Transient Air Fuel Ratio Control Strategy Considering Transport Time Delay For Gasoline Engine

In order to alleviate the automobile emission pollution to the environment, reduce fuel consumption, the issues of the accurate control of the air-fuel ratio for the spark ignition engine turns out to be a hot spot that the scholars researching. As the complex physical structure, the operating characteristics and the existence of the time delay of the pot injection engine, the precise control of the air-fuel ratio under transient conditions is difficult to achieve.
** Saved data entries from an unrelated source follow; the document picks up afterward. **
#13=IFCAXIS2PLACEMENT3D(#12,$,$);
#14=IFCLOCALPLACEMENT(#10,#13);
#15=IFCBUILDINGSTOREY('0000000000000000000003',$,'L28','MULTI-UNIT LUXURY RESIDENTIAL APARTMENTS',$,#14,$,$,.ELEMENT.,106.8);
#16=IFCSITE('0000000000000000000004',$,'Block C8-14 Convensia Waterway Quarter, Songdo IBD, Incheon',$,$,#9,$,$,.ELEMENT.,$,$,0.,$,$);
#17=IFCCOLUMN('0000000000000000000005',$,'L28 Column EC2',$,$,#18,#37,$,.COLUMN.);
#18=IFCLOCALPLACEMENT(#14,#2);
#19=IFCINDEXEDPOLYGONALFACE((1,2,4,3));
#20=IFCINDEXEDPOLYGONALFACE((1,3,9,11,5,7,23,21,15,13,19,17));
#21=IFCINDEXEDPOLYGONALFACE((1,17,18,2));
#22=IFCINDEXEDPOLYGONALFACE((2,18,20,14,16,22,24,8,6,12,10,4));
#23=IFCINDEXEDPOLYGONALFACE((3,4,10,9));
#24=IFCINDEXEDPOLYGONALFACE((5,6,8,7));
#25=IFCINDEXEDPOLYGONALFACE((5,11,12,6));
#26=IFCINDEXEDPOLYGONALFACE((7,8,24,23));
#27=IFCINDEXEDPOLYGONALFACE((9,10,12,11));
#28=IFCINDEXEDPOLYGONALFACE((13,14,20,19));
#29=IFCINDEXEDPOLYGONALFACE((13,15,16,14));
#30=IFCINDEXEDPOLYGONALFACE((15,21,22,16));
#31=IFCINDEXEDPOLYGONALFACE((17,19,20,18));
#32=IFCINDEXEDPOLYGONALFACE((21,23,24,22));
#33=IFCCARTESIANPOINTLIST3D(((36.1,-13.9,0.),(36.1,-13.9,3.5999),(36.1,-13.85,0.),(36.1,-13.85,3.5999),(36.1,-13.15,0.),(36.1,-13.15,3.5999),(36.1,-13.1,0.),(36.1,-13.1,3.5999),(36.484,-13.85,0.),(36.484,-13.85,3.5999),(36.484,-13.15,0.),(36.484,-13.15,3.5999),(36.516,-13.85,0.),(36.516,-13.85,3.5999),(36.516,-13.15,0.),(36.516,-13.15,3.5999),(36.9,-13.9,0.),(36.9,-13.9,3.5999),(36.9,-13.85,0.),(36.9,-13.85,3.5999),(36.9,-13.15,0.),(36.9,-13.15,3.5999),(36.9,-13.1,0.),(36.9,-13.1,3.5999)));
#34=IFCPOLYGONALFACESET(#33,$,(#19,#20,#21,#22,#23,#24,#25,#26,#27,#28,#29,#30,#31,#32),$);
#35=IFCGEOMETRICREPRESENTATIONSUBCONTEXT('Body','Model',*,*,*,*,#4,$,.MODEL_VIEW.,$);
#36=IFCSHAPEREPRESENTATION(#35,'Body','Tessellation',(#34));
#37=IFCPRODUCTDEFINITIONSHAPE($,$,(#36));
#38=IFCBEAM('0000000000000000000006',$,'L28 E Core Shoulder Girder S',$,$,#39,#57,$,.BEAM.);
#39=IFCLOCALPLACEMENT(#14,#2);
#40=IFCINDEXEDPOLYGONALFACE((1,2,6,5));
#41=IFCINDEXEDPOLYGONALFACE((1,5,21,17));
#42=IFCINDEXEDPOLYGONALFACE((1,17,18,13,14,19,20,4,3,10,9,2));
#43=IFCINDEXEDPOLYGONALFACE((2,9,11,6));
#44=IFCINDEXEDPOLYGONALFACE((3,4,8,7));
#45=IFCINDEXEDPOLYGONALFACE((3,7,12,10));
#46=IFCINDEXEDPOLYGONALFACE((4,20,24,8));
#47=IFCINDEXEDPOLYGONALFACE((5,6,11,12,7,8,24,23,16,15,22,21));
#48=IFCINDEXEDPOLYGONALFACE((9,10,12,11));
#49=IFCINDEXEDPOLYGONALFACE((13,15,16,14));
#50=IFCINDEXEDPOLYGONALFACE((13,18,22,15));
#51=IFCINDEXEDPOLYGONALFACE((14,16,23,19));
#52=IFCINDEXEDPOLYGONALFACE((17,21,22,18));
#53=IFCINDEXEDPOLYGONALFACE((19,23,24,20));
The object of this paper is to regulate the air fuel ratio for the gasoline port injection spark ignition engine at the stoichiometric value in the transient operation.The main content is shown as follows:First, by analyzing the working principle of the port injection spark ignition engine and the dynamic of the air path, fuel path and the air fuel ratio measurement, the adaptive fuel injection controller is designed with considering the effect of the time varying delay in the system caused by the location of the measuring sensors, and the parameter uncertainties due to the sensor aging, the change of the intake air mass into the cylinder,and the wall wetting compensation to the precise control of the air fuel ratio.Second, through the further analysis of the dynamic characteristics of the air-fuel ratio for the gasoline engine, a modified active disturbance rejection fueling controller is designed to improve the accuracy of the air fuel ratio, which not only takes the time varying delay and the parameter uncertainties caused by the change of the intake air mass and the sensor aging into consideration, but also pays attention to the influence on the air fuel ratio as the change of the engine speed and the intake manifold pressure, the disturbance of the load torque and the varied parameters in the evaporation of the fuel film.An extended state observer is constructed and the air fuel ratio in the transient operation of the engine can be improved by the compensation of the total disturbance combining with the information of the former variations.Finally, the proposed two air fuel ratio controllers are both validated on the engine simulation model which is developed by the Society of Instrument and Control Engineers of Japan and the Toyota research department. The simulation results of the the proposed algorithms and the tradition control method under different engine operations arepresented and by comparison the performance of the controller are analyzed.